Legal Research

Gasoline Product Liability

I’ve never seen (or never noticed) this warning before. However, last month, I spotted this peeling sticker on the side of a gasoline pump.

Reformulated Gasoline…may cause a very small percentage of vehicles…to have fuel system leaks which may cause vehicle fires.

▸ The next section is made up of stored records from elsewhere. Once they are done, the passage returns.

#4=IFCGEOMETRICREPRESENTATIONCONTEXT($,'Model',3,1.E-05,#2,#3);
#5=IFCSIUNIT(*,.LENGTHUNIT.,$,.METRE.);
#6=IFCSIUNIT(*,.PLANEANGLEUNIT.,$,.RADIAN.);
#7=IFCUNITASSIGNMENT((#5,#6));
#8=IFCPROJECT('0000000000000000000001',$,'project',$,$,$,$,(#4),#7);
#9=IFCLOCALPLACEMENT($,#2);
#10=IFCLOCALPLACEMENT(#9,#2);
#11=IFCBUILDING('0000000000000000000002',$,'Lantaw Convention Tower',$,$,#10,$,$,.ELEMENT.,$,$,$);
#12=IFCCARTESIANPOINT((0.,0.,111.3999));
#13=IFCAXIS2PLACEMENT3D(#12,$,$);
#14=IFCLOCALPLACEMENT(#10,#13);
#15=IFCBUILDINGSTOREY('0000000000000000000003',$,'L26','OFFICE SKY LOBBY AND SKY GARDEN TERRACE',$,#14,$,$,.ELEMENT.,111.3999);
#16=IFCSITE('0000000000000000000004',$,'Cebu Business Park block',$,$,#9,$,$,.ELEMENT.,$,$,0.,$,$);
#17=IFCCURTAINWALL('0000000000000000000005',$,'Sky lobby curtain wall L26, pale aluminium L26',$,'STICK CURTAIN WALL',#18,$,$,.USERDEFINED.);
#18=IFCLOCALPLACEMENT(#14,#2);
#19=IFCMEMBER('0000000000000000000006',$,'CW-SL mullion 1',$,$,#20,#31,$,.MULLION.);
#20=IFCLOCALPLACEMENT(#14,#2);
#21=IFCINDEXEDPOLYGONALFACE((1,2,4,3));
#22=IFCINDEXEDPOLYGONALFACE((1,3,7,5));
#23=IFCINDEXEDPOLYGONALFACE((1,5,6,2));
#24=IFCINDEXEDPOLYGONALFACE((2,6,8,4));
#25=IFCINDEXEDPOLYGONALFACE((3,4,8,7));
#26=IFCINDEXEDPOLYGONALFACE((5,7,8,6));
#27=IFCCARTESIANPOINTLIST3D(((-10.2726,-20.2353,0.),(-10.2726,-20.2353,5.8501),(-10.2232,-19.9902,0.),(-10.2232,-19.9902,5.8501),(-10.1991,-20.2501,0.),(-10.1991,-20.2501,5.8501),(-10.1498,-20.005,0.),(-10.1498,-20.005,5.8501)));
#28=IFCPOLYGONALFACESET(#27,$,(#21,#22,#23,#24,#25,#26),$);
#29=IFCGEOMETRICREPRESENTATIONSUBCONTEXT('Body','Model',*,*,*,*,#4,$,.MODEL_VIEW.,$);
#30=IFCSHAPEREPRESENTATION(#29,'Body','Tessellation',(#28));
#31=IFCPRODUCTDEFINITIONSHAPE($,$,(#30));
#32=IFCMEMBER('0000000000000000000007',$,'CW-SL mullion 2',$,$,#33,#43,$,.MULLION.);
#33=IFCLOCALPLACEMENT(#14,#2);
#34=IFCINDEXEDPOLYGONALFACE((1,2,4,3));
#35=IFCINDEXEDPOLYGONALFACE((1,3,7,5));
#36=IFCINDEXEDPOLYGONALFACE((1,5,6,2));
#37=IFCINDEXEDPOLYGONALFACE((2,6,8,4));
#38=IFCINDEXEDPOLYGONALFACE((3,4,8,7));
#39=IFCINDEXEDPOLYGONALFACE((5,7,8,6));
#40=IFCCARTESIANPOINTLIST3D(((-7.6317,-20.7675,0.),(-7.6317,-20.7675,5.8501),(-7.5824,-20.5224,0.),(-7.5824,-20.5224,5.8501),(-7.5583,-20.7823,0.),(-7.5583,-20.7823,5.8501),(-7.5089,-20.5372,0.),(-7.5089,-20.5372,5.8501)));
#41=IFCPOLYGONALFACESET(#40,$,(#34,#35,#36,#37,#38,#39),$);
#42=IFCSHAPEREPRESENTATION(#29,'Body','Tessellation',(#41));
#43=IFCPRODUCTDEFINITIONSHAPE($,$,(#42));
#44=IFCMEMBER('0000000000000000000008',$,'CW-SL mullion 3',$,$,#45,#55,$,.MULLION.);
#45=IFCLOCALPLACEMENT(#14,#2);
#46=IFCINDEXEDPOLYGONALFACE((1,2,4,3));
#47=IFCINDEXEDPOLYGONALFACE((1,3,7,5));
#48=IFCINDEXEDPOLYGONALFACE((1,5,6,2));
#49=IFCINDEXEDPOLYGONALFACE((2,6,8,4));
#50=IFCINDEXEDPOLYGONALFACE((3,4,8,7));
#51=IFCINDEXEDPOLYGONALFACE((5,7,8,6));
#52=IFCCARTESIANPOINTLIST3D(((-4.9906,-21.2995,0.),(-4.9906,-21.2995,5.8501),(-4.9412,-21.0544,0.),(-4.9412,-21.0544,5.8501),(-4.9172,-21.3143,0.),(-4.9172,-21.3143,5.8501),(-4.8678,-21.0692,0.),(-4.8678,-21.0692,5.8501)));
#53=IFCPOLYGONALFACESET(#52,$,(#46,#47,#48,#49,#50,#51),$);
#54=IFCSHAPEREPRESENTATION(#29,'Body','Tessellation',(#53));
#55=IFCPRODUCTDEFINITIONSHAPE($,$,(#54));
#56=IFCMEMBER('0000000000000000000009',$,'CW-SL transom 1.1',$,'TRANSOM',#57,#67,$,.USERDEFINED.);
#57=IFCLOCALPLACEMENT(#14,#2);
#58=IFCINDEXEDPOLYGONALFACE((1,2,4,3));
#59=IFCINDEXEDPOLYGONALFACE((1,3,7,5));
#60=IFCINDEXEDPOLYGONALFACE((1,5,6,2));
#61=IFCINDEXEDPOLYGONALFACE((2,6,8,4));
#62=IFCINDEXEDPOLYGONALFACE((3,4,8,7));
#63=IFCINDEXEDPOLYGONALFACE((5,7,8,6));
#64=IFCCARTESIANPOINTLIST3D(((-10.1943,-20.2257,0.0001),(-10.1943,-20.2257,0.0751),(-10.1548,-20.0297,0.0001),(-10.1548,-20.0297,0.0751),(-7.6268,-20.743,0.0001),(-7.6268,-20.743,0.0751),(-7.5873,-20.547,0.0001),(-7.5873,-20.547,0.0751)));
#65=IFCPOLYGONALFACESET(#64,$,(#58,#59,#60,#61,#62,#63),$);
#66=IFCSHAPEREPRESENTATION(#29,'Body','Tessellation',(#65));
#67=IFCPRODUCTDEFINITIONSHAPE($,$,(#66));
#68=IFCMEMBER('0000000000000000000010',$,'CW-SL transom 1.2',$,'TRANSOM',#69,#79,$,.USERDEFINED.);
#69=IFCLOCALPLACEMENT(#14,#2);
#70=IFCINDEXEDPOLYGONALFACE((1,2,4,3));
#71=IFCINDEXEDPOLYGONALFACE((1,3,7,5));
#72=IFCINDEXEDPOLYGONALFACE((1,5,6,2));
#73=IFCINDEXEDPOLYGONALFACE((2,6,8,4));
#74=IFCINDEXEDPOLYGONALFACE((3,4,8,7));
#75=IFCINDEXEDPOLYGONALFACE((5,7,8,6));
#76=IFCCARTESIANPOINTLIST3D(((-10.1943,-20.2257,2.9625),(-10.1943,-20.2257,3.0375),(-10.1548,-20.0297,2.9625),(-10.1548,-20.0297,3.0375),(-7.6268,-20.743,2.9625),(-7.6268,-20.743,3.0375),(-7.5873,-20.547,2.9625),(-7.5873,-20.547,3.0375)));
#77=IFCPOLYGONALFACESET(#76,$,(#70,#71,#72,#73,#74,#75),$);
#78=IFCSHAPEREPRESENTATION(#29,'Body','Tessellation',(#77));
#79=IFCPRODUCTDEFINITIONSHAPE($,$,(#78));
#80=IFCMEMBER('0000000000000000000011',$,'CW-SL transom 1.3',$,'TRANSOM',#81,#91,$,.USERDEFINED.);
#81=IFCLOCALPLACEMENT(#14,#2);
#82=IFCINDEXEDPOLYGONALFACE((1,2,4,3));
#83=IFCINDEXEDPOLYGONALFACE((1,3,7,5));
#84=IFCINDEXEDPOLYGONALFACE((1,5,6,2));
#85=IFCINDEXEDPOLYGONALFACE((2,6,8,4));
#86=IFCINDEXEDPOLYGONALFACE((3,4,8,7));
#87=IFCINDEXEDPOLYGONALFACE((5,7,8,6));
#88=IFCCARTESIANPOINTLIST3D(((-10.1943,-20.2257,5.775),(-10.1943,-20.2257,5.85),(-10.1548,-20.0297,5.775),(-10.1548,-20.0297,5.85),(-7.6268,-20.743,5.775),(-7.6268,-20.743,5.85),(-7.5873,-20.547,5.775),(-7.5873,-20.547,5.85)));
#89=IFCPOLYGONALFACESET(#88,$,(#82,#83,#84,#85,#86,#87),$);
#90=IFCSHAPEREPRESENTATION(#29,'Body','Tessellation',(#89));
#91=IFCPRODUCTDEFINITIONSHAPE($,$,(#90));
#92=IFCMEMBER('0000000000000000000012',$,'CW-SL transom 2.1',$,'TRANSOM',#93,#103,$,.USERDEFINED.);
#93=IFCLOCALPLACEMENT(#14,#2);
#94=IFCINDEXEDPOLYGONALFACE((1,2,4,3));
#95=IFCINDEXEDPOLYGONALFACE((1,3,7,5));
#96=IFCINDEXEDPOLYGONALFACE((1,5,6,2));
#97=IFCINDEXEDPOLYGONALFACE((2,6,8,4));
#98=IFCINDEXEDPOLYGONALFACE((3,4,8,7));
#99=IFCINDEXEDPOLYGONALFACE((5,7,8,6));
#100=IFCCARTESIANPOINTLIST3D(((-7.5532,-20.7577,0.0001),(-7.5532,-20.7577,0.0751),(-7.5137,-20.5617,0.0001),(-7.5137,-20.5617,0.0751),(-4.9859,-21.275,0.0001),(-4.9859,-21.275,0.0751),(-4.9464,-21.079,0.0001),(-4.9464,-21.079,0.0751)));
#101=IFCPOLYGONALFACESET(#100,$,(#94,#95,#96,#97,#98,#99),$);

What the heck? Assuming these warning signs have been up since 1995, when reformulated gasoline rolled out in the San Francisco Bay Area, I find it odd that I haven’t see this warning elsewhere. Need to make a mental note the next time I visit a different service station whether their gasoline pumps also carry the same warning. However, I find this warning to be vague and unhelpful because it doesn’t define (1) a very small percentage, (2) older vehicles, and (3) high-mileage vehicles. How small is a very small percentage? 5%? 1%? Less than 1%? Considering the number of cars out on the road, a very small percentage could still mean a lot of cars. Secondly, what is an older car? Cars from the 1980s? Cars from the 1960s? Cars from the 1940s? Finally, what is a high-mileage vehicle? Over 100,000 miles? Over 250,000 miles? Seriously, the warning label doesn’t give the driver enough information to determine whether their vehicle is affected by reformulated gasoline.

2 replies on “Gasoline Product Liability”

As one who owns and rides older motorcycles, I think I know the skinny on this. Corn-liquor gas (known as ethanol) is the culprit. The alcohol attacks rubber in fuel/carburetor systems. If an old rubber gas line is damaged by the gummint’s corn liquor fuel, it could leak. Depending on where it leaks – well, one gets the picture.

In real life, the most costly fallout is replacing the vulnerable parts with expensive after-market parts that can withstand alcohol.

It’s the dumb, blind gummint – mesin’ up near everything it bumps into.